Proforma Adjustments – Balance Sheet

The following are the pro forma adjustments included in the unaudited pro forma consolidated combined balance sheet as of June 30, 2020 and give effect to the Merger as if it had occurred on that date:
 


(a)
Intangible Assets – To reflect the valuation of intangible assets acquired in conjunction with the Merger.
 

(b)
Goodwill – Goodwill to be recognized as a result of the Merger.
 

(c)
Other Current Liabilities – To reflect accrued liabilities that are directly attributable to the closing of the Merger, including estimated transaction costs to complete the Merger of approximately $0.8 million for Lineagen and $1.1 million for the Company.
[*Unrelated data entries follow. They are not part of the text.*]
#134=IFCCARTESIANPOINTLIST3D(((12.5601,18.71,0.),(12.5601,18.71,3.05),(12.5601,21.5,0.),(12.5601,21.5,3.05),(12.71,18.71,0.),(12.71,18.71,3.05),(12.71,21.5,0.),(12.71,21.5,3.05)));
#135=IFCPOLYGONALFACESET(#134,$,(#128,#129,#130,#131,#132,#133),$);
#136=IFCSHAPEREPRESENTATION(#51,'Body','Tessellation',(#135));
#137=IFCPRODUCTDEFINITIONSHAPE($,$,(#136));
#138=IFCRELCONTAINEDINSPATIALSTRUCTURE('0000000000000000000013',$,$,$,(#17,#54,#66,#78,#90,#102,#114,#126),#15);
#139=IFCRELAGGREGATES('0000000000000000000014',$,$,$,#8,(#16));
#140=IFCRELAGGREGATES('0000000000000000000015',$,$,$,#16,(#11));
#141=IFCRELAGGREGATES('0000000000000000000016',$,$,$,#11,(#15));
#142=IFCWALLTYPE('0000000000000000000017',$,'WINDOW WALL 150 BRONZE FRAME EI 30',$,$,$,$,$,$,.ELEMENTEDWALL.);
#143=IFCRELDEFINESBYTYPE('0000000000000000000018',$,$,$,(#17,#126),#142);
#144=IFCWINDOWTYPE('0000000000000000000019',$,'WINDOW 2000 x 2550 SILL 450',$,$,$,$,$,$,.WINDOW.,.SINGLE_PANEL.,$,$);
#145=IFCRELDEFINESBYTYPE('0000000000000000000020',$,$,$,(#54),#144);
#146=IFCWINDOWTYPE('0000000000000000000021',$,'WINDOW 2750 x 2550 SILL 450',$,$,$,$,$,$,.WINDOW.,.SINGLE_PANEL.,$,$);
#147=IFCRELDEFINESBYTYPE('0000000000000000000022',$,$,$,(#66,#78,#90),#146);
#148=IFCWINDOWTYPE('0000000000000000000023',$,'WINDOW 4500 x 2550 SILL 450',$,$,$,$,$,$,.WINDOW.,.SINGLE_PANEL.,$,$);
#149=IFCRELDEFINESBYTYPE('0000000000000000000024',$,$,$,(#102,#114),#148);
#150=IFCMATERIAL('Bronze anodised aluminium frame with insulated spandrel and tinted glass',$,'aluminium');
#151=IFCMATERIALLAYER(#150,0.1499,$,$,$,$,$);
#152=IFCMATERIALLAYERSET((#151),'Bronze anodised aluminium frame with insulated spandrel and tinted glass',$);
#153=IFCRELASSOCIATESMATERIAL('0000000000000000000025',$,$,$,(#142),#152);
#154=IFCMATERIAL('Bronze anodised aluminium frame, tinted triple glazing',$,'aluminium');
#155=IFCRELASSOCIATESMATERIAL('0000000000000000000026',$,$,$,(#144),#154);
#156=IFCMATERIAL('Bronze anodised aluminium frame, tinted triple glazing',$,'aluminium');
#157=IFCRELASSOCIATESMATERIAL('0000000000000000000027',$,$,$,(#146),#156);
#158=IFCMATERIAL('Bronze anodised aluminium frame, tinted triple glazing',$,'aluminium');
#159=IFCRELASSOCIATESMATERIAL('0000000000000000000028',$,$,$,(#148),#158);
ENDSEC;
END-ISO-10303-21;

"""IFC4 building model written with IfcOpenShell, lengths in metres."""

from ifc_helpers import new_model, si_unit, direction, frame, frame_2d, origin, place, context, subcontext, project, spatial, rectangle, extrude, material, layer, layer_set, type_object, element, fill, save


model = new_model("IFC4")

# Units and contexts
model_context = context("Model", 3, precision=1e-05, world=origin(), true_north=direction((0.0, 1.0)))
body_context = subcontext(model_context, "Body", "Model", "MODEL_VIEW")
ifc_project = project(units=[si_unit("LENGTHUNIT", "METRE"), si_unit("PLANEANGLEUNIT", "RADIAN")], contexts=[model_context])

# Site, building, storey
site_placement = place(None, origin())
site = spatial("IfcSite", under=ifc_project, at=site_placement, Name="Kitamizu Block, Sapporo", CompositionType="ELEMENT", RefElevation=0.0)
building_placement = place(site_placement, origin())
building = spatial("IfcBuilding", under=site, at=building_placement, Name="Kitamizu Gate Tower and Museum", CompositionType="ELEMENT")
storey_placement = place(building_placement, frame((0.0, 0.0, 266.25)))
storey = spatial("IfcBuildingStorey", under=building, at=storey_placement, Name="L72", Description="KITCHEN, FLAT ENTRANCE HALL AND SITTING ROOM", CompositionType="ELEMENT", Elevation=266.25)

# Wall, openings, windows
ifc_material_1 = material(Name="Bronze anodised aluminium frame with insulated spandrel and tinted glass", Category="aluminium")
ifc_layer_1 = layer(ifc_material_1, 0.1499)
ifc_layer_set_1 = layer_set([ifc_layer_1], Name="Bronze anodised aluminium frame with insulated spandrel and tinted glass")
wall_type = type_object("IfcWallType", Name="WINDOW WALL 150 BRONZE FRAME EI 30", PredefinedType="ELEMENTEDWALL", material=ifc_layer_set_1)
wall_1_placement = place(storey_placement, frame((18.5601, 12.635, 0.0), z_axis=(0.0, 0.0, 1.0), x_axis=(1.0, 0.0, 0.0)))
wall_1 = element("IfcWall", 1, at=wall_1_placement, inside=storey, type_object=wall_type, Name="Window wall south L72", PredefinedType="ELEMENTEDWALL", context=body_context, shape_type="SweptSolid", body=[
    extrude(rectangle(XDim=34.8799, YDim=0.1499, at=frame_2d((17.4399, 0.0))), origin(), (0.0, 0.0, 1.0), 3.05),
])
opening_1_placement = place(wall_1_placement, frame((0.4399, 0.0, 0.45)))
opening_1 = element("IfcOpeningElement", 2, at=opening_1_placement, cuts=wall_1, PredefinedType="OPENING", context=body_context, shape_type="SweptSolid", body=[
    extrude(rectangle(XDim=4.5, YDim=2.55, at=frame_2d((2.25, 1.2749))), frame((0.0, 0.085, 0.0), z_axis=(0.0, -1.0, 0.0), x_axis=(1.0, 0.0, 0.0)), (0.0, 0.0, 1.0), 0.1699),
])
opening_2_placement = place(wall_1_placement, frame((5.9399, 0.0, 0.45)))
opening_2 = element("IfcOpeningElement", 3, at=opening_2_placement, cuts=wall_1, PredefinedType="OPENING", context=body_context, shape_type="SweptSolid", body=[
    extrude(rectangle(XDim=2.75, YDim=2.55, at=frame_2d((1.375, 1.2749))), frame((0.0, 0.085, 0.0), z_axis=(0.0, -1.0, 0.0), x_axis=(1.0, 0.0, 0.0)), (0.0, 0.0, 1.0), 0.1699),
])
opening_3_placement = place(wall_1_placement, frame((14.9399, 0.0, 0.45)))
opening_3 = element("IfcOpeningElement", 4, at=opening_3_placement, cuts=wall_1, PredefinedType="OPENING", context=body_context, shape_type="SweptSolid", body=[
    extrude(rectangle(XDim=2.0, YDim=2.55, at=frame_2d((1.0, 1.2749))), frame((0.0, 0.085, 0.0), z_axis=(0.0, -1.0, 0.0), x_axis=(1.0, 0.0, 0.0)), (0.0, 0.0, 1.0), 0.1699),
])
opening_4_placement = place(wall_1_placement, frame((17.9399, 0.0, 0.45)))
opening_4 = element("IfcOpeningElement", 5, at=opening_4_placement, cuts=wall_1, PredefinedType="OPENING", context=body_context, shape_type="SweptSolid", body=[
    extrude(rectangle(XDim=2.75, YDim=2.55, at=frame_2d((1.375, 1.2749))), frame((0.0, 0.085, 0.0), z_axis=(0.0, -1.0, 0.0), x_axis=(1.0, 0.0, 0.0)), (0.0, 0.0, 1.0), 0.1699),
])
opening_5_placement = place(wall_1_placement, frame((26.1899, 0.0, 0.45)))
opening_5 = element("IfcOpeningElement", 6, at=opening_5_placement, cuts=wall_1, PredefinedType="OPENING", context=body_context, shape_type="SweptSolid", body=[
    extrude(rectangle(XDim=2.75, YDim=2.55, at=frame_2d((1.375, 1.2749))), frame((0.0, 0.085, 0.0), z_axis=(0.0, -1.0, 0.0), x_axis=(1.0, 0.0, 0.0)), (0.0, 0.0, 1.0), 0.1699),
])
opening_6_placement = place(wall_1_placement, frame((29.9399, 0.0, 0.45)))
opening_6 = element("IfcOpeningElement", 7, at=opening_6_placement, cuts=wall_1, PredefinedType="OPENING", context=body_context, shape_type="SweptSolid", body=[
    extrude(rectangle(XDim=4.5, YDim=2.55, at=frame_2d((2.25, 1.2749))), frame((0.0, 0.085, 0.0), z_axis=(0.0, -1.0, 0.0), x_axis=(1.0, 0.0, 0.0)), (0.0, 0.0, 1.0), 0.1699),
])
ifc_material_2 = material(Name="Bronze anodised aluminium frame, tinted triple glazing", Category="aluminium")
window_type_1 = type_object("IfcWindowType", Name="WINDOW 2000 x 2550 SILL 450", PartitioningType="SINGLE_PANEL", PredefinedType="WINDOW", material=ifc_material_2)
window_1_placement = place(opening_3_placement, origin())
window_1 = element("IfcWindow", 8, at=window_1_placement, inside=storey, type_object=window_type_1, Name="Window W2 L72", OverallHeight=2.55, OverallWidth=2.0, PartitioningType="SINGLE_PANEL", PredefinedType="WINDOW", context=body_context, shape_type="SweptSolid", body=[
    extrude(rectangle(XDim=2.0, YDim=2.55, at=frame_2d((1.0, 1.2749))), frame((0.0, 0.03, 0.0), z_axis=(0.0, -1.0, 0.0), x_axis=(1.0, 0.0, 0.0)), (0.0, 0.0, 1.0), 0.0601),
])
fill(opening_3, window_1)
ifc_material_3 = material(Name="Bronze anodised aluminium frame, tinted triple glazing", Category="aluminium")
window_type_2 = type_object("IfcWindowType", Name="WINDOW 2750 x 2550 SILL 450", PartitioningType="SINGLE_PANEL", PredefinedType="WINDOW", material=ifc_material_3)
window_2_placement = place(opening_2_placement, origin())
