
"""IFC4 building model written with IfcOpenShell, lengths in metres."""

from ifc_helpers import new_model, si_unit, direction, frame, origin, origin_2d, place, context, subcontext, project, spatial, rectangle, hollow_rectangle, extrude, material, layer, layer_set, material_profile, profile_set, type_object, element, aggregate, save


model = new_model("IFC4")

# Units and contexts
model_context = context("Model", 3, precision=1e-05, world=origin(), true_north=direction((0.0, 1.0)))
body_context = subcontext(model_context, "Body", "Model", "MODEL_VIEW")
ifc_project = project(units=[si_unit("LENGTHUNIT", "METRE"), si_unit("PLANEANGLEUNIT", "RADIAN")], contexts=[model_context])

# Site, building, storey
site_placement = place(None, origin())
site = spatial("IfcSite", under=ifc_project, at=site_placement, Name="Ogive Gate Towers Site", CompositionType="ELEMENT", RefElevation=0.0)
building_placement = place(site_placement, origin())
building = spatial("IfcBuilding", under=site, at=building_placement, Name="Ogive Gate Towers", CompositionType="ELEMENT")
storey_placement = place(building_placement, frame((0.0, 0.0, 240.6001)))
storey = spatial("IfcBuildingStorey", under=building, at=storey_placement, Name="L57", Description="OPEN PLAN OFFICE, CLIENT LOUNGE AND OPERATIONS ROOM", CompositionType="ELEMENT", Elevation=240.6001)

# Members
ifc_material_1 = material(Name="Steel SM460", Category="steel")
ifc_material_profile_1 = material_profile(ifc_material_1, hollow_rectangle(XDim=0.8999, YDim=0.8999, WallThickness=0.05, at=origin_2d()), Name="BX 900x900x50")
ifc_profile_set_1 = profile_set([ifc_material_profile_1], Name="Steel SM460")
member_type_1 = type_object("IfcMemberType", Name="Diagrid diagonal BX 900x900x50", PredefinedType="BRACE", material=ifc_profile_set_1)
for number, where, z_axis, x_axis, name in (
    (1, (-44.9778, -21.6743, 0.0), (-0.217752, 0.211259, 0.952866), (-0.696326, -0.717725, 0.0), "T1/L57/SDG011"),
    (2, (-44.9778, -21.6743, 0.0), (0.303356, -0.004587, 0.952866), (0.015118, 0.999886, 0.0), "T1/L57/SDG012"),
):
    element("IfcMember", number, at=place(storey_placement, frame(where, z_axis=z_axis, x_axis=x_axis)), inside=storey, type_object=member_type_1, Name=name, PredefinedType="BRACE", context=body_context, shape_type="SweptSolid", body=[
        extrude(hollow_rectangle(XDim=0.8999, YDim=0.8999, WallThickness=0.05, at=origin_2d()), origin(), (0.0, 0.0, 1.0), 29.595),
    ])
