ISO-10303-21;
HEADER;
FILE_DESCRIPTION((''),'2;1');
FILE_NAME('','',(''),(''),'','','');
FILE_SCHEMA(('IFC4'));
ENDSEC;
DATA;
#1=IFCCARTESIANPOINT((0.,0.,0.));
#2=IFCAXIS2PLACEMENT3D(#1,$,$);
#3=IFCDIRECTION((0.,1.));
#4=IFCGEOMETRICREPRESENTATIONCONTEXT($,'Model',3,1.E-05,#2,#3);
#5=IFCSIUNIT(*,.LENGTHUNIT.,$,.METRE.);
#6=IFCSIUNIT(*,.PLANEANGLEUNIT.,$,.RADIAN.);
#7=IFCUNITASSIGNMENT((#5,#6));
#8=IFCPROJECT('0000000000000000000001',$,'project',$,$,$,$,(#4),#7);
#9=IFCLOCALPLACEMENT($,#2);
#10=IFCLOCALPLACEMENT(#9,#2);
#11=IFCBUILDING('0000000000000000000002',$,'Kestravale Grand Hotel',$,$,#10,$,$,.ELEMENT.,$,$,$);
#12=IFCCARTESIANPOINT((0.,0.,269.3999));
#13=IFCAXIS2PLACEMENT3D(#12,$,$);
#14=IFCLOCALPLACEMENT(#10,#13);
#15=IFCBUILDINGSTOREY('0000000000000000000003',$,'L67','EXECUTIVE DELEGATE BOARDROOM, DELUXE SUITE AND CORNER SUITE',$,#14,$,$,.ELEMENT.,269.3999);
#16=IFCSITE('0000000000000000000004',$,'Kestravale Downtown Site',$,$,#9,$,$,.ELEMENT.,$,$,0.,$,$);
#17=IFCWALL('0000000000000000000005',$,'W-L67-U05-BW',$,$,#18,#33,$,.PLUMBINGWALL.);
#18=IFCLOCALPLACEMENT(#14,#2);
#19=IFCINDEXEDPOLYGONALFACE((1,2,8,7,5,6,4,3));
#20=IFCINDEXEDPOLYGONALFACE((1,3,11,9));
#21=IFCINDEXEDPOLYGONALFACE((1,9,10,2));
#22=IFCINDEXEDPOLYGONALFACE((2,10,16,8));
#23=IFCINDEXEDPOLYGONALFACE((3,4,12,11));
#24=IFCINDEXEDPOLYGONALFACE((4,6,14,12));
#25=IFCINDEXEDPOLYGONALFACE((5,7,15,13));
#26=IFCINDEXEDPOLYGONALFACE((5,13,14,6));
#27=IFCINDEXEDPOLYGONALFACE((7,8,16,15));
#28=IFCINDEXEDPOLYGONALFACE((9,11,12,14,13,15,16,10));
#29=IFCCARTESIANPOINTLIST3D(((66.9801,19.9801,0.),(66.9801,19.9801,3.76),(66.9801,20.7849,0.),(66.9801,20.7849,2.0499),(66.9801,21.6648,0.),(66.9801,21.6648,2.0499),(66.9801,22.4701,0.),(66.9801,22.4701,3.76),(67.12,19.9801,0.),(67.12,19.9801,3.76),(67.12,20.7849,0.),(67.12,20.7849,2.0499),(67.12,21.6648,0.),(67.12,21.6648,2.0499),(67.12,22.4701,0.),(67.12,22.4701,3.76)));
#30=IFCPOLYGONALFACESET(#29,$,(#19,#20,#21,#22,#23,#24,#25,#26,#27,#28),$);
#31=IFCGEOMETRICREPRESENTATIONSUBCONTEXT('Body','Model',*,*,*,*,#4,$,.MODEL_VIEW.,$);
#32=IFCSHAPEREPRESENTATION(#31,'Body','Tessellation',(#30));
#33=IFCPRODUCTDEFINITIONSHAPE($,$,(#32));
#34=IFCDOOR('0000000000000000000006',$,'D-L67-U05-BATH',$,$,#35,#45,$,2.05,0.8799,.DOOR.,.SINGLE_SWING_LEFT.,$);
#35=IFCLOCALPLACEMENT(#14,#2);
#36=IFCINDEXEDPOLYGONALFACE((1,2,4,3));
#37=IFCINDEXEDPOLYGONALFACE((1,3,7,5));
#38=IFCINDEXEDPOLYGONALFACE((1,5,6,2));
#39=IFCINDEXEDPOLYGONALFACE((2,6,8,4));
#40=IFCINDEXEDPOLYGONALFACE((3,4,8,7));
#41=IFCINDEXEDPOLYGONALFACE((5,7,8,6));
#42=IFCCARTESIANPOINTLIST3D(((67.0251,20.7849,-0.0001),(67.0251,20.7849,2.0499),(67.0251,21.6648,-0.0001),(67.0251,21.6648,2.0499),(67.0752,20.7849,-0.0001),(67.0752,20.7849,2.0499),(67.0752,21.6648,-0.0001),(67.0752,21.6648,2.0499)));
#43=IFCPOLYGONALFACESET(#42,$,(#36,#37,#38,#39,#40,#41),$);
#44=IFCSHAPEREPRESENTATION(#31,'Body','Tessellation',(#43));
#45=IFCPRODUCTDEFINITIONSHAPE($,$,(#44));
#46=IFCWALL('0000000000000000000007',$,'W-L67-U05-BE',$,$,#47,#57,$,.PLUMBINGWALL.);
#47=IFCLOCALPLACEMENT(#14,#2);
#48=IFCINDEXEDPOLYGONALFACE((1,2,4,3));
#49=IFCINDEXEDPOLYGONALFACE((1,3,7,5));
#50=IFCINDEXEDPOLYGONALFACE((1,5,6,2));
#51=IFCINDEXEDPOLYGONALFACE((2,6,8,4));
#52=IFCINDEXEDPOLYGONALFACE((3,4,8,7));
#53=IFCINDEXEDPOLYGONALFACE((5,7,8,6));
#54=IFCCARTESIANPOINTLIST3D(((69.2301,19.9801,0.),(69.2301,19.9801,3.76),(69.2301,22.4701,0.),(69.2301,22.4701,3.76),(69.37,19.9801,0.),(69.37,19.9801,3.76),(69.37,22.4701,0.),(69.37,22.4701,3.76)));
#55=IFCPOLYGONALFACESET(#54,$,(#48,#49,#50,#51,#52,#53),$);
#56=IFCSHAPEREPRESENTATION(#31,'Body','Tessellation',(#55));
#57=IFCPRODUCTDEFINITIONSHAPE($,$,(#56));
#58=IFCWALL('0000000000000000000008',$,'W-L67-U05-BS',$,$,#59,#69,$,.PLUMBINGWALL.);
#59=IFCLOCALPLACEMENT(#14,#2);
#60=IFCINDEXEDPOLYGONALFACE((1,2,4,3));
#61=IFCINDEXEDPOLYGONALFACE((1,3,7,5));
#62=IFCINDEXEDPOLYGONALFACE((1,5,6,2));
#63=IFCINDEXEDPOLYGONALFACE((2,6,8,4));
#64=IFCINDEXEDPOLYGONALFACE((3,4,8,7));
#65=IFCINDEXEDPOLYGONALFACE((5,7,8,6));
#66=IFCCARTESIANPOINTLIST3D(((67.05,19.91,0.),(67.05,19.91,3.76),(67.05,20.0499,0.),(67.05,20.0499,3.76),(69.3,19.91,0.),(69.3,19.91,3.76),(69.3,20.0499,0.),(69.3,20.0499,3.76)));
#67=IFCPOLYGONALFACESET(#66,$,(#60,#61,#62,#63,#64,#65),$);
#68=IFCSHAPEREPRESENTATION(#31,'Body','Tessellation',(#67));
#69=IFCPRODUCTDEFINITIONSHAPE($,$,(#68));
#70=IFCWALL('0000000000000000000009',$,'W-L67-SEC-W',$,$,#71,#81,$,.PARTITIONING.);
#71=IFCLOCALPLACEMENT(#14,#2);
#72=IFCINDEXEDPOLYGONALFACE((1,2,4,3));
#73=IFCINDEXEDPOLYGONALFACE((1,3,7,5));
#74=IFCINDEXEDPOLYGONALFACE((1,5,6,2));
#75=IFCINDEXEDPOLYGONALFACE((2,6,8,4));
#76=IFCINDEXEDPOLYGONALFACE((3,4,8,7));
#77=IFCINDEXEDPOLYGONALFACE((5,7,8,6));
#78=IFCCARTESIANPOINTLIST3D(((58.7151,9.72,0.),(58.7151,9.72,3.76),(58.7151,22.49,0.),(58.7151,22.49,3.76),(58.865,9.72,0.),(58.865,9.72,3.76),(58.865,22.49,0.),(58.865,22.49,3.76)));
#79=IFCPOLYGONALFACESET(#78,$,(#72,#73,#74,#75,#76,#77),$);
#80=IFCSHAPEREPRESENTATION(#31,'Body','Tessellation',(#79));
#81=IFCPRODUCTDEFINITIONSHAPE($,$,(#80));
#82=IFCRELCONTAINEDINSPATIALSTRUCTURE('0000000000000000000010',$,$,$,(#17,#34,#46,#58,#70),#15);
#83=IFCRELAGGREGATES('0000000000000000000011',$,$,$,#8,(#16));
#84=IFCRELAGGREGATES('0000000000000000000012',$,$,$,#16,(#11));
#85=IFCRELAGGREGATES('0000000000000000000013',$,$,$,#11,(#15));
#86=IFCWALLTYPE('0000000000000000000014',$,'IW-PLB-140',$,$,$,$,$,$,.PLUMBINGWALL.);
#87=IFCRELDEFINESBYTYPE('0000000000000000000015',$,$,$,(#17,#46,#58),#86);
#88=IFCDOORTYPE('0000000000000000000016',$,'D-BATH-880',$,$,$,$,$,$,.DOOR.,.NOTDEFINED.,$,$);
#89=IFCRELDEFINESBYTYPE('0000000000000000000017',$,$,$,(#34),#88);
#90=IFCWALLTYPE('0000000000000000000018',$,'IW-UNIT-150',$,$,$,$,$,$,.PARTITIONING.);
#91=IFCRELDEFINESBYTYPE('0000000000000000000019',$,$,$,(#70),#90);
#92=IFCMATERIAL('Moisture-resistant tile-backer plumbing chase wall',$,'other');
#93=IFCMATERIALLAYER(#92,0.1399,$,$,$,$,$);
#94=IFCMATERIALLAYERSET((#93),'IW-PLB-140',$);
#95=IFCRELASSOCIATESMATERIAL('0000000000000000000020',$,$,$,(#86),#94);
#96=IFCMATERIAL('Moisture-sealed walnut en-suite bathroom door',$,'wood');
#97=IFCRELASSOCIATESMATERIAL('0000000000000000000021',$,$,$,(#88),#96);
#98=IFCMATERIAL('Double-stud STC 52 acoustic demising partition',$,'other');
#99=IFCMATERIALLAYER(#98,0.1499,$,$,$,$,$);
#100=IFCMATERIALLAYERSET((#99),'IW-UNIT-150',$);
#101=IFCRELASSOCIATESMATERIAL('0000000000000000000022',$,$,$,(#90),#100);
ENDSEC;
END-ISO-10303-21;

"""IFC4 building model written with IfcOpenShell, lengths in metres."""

from ifc_helpers import new_model, si_unit, direction, frame, frame_2d, origin, place, context, subcontext, project, spatial, rectangle, extrude, material, layer, layer_set, type_object, element, fill, save


model = new_model("IFC4")

# Units and contexts
model_context = context("Model", 3, precision=1e-05, world=origin(), true_north=direction((0.0, 1.0)))
body_context = subcontext(model_context, "Body", "Model", "MODEL_VIEW")
ifc_project = project(units=[si_unit("LENGTHUNIT", "METRE"), si_unit("PLANEANGLEUNIT", "RADIAN")], contexts=[model_context])

# Site, building, storey
site_placement = place(None, origin())
site = spatial("IfcSite", under=ifc_project, at=site_placement, Name="Kestravale Downtown Site", CompositionType="ELEMENT", RefElevation=0.0)
building_placement = place(site_placement, origin())
building = spatial("IfcBuilding", under=site, at=building_placement, Name="Kestravale Grand Hotel", CompositionType="ELEMENT")
storey_placement = place(building_placement, frame((0.0, 0.0, 269.3999)))
storey = spatial("IfcBuildingStorey", under=building, at=storey_placement, Name="L67", Description="EXECUTIVE DELEGATE BOARDROOM, DELUXE SUITE AND CORNER SUITE", CompositionType="ELEMENT", Elevation=269.3999)

# Wall, opening, door
ifc_material_1 = material(Name="Moisture-resistant tile-backer plumbing chase wall", Category="other")
ifc_layer_1 = layer(ifc_material_1, 0.1399)
ifc_layer_set_1 = layer_set([ifc_layer_1], Name="IW-PLB-140")
wall_type_1 = type_object("IfcWallType", Name="IW-PLB-140", PredefinedType="PLUMBINGWALL", material=ifc_layer_set_1)
wall_1_placement = place(storey_placement, frame((67.05, 19.98, 0.0), z_axis=(0.0, 0.0, 1.0), x_axis=(0.0, 1.0, 0.0)))
wall_1 = element("IfcWall", 1, at=wall_1_placement, inside=storey, type_object=wall_type_1, Name="W-L67-U05-BW", PredefinedType="PLUMBINGWALL", context=body_context, shape_type="SweptSolid", body=[
    extrude(rectangle(XDim=2.49, YDim=0.1399, at=frame_2d((1.2451, 0.0))), origin(), (0.0, 0.0, 1.0), 3.76),
])
opening_1_placement = place(wall_1_placement, frame((0.8049, 0.0, 0.0)))
opening_1 = element("IfcOpeningElement", 2, at=opening_1_placement, cuts=wall_1, PredefinedType="OPENING", context=body_context, shape_type="SweptSolid", body=[
    extrude(rectangle(XDim=0.8799, YDim=2.05, at=frame_2d((0.4399, 1.0249))), frame((0.0, 0.0798, 0.0), z_axis=(0.0, -1.0, 0.0), x_axis=(1.0, 0.0, 0.0)), (0.0, 0.0, 1.0), 0.1599),
])
ifc_material_2 = material(Name="Moisture-sealed walnut en-suite bathroom door", Category="wood")
door_type = type_object("IfcDoorType", Name="D-BATH-880", OperationType="NOTDEFINED", PredefinedType="DOOR", material=ifc_material_2)
door_placement = place(opening_1_placement, origin())
door = element("IfcDoor", 3, at=door_placement, inside=storey, type_object=door_type, Name="D-L67-U05-BATH", OperationType="SINGLE_SWING_LEFT", OverallHeight=2.05, OverallWidth=0.8799, PredefinedType="DOOR", context=body_context, shape_type="SweptSolid", body=[
    extrude(rectangle(XDim=0.8799, YDim=2.05, at=frame_2d((0.4399, 1.0249))), frame((0.0, 0.0249, 0.0), z_axis=(0.0, -1.0, 0.0), x_axis=(1.0, 0.0, 0.0)), (0.0, 0.0, 1.0), 0.05),
])
fill(opening_1, door)

# Walls
wall_2_placement = place(storey_placement, frame((69.3, 19.98, 0.0), z_axis=(0.0, 0.0, 1.0), x_axis=(0.0, 1.0, 0.0)))
element("IfcWall", 4, at=wall_2_placement, inside=storey, type_object=wall_type_1, Name="W-L67-U05-BE", PredefinedType="PLUMBINGWALL", context=body_context, shape_type="SweptSolid", body=[
    extrude(rectangle(XDim=2.49, YDim=0.1399, at=frame_2d((1.2451, 0.0))), origin(), (0.0, 0.0, 1.0), 3.76),
])
wall_3_placement = place(storey_placement, frame((67.05, 19.98, 0.0), z_axis=(0.0, 0.0, 1.0), x_axis=(1.0, 0.0, 0.0)))
element("IfcWall", 5, at=wall_3_placement, inside=storey, type_object=wall_type_1, Name="W-L67-U05-BS", PredefinedType="PLUMBINGWALL", context=body_context, shape_type="SweptSolid", body=[
    extrude(rectangle(XDim=2.25, YDim=0.1399, at=frame_2d((1.125, 0.0))), origin(), (0.0, 0.0, 1.0), 3.76),
])
ifc_material_3 = material(Name="Double-stud STC 52 acoustic demising partition", Category="other")
ifc_layer_2 = layer(ifc_material_3, 0.1499)
ifc_layer_set_2 = layer_set([ifc_layer_2], Name="IW-UNIT-150")
wall_type_2 = type_object("IfcWallType", Name="IW-UNIT-150", PredefinedType="PARTITIONING", material=ifc_layer_set_2)
wall_4_placement = place(storey_placement, frame((58.79, 9.72, 0.0), z_axis=(0.0, 0.0, 1.0), x_axis=(0.0, 1.0, 0.0)))
element("IfcWall", 6, at=wall_4_placement, inside=storey, type_object=wall_type_2, Name="W-L67-SEC-W", PredefinedType="PARTITIONING", context=body_context, shape_type="SweptSolid", body=[
    extrude(rectangle(XDim=12.77, YDim=0.1499, at=frame_2d((6.385, 0.0))), origin(), (0.0, 0.0, 1.0), 3.76),
])

save(model, "model.ifc")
These transaction costs principally consist of financial advisor fees, legal expenses and auditor expenses.
 

(d)
Accounts Payable – At the Closing of the Merger, merger consideration was issued to satisfy approximately $1.6 million in non-debt trade liability of Lineagen.
 

(e)
Long-term Debt – At the Closing of the Merger, merger consideration of approximately $0.9 million in cash and approximately 5.5 million shares of Bionano common stock was paid or issued to certain holders of convertible notes and other creditors of Lineagen, in full satisfaction of the outstanding long-term debt liabilities of Lineagen, not including the Lineagen PPP Loan. Warrants previously issued in connection with long-term debt liabilities were cancelled for no consideration. In addition, Bionano paid approximately $1.1 million to fully satisfy the Lineagen PPP Loan prior to maturity without penalty.
 

(f)
Stockholders’ Equity – This is to reflect the elimination of Lineagen's historical shareholders’ equity.
 

(g)
Estimated Merger Consideration – Estimated merger consideration includes approximately $1.9 million in cash paid at Closing to certain creditors of Lineagen, and additionally approximately $1.1 million in cash paid immediately prior to Closing in full satisfaction of the Lineagen PPP Loan. In addition, Bionano issued or reserved for issuance to certain holders of convertible notes and other creditors of Lineagen 6,167,650 shares of its common stock. 925,126 of the Merger Shares will be held in an escrow fund for purposes of satisfying any post-closing purchase price adjustments and indemnification claims under the Merger Agreement. The total number of Merger Shares is subject to adjustment for cash, accounts receivable, unpaid indebtedness, unpaid transaction expenses and certain other liabilities of Lineagen. The value of the estimated common stock consideration and the total estimated purchase price incorporate the return of an estimated 138,247 Escrowed Shares to the Company based on a preliminary estimate of this adjustment.